Proper behavior of slot-initforms in defstruct?
Laughing Water
lw at mt.net
Mon Aug 3 21:42:05 UTC 2015
It looks like you need a LET* to guarantee the order of evaluation within your LET. Otherwise, it’s undefined.
Laughing Water
> On Aug 3, 2015, at 3:27 PM, Jean-Claude Beaudoin <jean.claude.beaudoin at gmail.com> wrote:
>
>
> Please consider the following code:
>
> (defparameter init-a 1)
>
> (let ((init-a 42) (serial-no 0))
> (defstruct foo (a init-a) (b (incf serial-no)))

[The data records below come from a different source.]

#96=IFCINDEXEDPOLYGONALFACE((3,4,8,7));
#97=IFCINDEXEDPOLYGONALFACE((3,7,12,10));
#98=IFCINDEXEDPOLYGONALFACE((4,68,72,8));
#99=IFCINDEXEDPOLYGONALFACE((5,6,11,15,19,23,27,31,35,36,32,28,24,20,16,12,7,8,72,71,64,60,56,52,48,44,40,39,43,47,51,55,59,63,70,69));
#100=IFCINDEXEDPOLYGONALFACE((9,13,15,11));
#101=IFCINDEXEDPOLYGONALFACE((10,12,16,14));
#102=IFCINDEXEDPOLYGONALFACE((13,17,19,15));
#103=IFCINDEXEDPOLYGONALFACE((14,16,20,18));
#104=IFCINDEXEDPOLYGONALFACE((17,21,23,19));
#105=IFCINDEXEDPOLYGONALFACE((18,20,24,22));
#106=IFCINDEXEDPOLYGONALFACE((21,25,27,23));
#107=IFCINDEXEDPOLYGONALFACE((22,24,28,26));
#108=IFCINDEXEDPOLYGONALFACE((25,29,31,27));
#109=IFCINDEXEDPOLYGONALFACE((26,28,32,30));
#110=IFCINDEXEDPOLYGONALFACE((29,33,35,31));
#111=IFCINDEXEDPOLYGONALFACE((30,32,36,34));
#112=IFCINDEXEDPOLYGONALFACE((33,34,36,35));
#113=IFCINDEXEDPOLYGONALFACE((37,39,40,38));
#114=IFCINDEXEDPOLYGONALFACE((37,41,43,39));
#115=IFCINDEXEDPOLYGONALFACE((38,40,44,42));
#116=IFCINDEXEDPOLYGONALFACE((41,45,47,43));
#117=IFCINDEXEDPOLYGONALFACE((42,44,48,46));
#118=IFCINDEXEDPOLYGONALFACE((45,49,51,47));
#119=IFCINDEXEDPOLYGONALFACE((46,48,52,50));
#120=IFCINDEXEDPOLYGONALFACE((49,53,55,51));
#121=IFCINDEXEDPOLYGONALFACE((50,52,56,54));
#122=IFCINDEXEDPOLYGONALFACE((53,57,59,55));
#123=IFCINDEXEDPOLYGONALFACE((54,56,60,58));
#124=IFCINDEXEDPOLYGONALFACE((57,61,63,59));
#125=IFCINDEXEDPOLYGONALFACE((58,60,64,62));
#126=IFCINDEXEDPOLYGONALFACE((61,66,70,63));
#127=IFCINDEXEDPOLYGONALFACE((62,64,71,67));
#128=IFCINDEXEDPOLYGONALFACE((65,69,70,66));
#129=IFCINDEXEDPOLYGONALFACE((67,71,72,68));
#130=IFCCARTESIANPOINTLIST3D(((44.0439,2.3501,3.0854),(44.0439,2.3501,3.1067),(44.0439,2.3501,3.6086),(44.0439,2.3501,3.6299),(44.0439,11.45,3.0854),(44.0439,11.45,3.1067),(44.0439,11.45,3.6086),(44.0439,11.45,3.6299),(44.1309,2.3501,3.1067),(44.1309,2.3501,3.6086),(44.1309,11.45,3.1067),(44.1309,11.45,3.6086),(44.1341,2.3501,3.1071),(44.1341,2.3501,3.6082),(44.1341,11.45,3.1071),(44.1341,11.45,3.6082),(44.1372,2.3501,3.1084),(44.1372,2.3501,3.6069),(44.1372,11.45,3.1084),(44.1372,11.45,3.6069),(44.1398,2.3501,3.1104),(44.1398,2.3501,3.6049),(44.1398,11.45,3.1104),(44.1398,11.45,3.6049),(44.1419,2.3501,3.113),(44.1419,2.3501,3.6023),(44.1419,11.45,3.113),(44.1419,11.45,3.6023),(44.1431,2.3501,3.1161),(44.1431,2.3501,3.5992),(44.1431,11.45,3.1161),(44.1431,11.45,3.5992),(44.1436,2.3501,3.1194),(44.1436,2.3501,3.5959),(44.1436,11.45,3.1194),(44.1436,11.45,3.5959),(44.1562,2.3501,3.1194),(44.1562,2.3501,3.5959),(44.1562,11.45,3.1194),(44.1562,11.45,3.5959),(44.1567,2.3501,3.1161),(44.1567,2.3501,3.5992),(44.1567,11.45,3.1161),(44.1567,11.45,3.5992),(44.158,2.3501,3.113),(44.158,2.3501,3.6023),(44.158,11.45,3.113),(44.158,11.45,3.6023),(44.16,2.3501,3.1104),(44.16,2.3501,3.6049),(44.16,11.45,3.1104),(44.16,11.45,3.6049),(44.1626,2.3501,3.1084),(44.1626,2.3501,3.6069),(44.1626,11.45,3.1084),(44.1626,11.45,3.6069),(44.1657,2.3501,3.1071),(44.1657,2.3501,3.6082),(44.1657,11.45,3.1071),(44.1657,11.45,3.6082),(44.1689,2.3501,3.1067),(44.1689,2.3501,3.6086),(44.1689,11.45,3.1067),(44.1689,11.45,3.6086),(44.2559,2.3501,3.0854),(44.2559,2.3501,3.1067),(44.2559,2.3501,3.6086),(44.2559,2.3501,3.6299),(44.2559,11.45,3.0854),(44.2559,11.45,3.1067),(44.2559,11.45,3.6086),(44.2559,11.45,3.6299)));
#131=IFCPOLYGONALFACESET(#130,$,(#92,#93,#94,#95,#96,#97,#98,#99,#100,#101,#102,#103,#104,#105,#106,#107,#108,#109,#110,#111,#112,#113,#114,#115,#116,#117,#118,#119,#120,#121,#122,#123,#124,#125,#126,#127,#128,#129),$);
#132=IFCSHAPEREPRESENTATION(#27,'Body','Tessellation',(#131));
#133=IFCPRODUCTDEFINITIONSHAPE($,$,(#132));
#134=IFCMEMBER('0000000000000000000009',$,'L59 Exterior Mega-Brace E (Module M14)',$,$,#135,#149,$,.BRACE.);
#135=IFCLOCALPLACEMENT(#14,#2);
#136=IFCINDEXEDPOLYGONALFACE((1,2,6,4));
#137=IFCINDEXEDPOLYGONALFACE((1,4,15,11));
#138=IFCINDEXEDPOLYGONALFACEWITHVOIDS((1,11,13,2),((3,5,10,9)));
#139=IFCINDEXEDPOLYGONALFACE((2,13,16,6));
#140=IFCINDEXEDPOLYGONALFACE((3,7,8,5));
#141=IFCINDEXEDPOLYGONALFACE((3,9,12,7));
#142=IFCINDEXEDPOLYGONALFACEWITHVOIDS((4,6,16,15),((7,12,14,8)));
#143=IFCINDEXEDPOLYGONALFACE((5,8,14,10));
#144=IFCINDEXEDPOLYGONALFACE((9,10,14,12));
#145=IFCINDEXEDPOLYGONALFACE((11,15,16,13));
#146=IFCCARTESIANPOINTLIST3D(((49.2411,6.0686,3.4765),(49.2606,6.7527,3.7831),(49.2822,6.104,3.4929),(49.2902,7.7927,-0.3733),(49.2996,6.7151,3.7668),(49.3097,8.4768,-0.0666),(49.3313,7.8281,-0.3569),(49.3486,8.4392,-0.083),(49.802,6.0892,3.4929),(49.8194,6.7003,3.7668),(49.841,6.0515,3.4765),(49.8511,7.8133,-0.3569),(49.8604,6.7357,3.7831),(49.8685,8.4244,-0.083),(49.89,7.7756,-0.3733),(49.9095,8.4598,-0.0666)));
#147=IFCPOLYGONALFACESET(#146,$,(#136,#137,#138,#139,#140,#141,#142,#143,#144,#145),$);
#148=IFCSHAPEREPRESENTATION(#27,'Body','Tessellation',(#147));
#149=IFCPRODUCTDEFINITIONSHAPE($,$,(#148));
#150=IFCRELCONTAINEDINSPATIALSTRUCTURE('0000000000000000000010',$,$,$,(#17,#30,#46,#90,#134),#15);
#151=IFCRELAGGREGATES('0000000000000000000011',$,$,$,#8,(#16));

> (defun get-foo-serial-no () serial-no))
>
> (defstruct (bar (:include foo)) (c 33) d)
>
> When one loads the above and then try to call #'make-bar the result
> varies widely from one lisp implementation (clisp) to another.
>
> clisp: (make-bar) --> #S(BAR :A 1 :B 1 :C 33 :D NIL)
> ccl: (make-bar) --> <enter the debugger saying: "Unbound variable: SERIAL-NO">
>
> lispworks, allegro and sbcl also behave more or less like ccl.
>
> What is the proper ANSI-CL behavior in this case here?
> Is clisp right in evaluating the slot initform in its "proper" lexical context?
> Or is the correct behavior to replicate the slot initform verbatim
> in the sub-structure constructor regardless of its original lexical context
> like the others do?
>
> I guess that this question has probably been asked before, in a somewhat
> distant past, but my google skills have not been sharp enough to find it, sorry.